Welcome to the gang Tiffany (thats my sister name by the way).
1) If you speaking of the FCC license search page, a vanity license is abbreviated "VA" and the amateur license if "HA". But if you just choose "amateur" from the drop down menu, you'll get both as vanity is a sub-category of Amateur. You have to have an amateur license before you have a vanity callsign.
The license exam is given by many ham radio clubs. Check with the ham radio club in your town if you have one. Chances are they offer the testing or know a club than does. Some clubs even offer remote testing where you can sit at home and use zoom to take the exam.

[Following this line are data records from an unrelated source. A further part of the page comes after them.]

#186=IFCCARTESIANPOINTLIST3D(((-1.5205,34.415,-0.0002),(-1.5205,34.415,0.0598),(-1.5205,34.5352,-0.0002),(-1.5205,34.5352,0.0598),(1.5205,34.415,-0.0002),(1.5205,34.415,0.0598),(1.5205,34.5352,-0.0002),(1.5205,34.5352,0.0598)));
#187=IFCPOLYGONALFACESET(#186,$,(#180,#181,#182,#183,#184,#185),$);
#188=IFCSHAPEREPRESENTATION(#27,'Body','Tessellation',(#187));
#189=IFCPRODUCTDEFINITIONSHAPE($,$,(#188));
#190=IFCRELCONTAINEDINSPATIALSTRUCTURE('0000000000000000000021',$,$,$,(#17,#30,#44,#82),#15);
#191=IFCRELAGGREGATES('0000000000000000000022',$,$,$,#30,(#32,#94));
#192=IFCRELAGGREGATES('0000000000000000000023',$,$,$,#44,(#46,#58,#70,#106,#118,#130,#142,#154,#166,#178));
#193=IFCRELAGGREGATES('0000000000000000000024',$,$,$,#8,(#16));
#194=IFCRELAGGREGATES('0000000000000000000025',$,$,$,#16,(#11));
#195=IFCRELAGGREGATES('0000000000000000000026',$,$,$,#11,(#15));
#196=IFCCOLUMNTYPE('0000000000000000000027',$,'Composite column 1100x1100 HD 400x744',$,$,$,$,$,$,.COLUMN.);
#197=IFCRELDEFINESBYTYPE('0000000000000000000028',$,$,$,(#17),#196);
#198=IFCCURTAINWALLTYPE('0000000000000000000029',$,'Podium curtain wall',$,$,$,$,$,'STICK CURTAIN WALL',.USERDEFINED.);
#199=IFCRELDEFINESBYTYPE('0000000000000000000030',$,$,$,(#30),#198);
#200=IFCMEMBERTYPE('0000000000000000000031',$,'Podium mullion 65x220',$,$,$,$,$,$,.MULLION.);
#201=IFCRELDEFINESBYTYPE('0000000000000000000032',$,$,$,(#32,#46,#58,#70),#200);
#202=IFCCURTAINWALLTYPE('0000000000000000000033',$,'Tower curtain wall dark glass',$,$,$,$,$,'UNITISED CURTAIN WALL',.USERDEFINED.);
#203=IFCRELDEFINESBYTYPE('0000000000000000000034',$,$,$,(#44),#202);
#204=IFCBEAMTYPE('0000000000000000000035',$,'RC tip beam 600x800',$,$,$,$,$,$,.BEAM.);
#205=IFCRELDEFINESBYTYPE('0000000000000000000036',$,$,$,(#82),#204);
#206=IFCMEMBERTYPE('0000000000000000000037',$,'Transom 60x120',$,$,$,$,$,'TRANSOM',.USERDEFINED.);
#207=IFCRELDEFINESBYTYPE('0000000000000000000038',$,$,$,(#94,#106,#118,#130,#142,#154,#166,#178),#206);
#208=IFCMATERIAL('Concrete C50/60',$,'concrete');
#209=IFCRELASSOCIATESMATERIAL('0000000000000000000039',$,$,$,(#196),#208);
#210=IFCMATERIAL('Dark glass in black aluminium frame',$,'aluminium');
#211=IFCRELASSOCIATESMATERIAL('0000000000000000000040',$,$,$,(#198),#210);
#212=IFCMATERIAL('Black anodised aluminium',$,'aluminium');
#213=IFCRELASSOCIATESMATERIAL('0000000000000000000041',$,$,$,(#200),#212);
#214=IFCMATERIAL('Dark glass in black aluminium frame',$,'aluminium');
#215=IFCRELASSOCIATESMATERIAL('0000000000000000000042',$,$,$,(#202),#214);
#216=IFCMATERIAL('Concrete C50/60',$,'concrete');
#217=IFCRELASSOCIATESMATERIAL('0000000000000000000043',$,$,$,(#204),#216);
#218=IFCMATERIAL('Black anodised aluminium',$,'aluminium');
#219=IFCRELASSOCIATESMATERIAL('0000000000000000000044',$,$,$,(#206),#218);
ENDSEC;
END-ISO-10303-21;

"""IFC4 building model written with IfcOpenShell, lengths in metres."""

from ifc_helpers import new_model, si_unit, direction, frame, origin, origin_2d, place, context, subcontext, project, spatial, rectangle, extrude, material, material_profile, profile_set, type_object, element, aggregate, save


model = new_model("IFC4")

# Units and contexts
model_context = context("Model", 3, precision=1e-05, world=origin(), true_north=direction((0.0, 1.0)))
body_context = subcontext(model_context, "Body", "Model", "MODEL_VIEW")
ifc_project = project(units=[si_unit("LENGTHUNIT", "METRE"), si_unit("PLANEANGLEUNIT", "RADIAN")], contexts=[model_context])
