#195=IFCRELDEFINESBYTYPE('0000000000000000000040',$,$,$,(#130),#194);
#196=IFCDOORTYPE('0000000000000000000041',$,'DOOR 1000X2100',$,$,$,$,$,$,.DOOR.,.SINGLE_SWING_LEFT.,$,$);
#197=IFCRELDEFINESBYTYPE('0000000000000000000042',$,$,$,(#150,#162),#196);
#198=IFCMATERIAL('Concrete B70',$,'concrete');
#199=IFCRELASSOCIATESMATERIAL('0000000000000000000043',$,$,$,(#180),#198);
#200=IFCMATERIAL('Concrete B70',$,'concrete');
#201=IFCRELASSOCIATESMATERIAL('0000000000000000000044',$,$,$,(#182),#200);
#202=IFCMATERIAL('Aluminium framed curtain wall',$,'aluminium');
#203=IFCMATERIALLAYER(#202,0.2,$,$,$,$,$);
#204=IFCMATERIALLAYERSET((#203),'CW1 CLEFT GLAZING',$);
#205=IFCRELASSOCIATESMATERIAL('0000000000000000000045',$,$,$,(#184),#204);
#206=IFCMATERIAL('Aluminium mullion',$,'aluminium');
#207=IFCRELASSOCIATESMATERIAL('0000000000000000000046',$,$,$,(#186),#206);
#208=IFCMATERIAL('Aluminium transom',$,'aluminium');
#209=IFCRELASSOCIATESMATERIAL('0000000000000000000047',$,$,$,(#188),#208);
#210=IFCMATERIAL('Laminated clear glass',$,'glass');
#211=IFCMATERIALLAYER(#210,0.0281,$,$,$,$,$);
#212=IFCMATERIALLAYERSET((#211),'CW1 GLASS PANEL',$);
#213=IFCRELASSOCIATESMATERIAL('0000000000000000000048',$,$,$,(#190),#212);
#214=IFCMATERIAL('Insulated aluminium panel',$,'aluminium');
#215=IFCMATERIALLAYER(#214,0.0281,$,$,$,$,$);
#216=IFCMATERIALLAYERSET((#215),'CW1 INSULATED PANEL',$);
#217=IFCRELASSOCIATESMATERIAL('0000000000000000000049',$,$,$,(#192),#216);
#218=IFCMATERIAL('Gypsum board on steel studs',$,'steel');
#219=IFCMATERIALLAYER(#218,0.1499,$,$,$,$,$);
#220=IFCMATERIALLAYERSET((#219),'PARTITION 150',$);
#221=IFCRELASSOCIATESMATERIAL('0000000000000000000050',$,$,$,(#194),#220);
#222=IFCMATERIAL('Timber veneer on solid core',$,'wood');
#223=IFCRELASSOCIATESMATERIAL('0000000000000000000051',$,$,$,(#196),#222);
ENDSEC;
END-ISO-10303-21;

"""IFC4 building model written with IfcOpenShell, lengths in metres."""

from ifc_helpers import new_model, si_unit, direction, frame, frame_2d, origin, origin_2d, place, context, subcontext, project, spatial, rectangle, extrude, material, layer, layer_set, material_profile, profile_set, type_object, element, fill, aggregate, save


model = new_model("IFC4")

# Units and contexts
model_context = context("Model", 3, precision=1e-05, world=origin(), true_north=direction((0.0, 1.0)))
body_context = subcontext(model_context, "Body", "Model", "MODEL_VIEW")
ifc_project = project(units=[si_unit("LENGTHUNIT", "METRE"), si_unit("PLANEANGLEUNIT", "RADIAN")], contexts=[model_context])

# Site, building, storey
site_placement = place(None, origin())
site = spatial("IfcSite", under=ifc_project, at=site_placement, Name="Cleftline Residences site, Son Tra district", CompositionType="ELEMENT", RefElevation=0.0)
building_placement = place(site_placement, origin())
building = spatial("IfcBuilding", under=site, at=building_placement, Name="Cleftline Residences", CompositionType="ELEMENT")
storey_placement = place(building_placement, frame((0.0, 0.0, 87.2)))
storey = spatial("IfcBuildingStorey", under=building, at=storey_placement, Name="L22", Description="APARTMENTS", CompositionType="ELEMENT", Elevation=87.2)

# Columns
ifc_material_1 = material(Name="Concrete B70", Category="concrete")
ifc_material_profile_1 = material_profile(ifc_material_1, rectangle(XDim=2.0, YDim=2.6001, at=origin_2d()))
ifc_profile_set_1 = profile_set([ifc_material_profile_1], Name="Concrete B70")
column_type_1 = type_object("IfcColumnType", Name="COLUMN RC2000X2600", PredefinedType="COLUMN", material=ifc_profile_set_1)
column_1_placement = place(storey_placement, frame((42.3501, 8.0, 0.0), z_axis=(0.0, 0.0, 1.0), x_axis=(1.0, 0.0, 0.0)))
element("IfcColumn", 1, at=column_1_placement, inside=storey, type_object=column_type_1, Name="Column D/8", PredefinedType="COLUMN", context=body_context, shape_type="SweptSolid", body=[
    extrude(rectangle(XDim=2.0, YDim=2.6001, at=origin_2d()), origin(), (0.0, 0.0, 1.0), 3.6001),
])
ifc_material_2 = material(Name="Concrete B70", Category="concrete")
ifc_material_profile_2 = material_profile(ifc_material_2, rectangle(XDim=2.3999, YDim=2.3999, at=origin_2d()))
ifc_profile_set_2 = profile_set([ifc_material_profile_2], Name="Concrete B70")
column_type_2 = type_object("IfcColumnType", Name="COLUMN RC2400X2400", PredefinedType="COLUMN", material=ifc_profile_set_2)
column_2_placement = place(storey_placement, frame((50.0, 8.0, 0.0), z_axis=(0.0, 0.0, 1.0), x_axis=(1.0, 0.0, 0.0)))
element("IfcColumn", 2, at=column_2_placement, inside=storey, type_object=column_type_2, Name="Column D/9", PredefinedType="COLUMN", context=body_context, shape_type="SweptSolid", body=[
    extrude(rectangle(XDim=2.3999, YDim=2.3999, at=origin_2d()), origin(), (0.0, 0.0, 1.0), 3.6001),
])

I'm a VE for my club and we give the exam after each monthly meeting. We tested 4 yesterday and passed 4. You can go to the ARRL webpage here and search for a test session in your area https://www.arrl.org/find-an-amateur-radio-license-exam-session.
2) Yes. In fact, there are many "nets" on HF that you can check in with. I'm a member of several nets. One is the "Treasure Coast Net" where hams along the Eastern Seaboard from Maine to Florida check in weekly and exchange news and rag chews. There are some nets for young ladies only. You can find nets by going to https://www.k3clr.com. I will show you all the nets that are curently happening, who is checked into the net, and even who is talking at the time. if you click on the prticular net. There is normally not charge to check into a net or become a member of a net, but some do charge a modest fee if you want a cool membership certificate with your name on it to hang on the wall.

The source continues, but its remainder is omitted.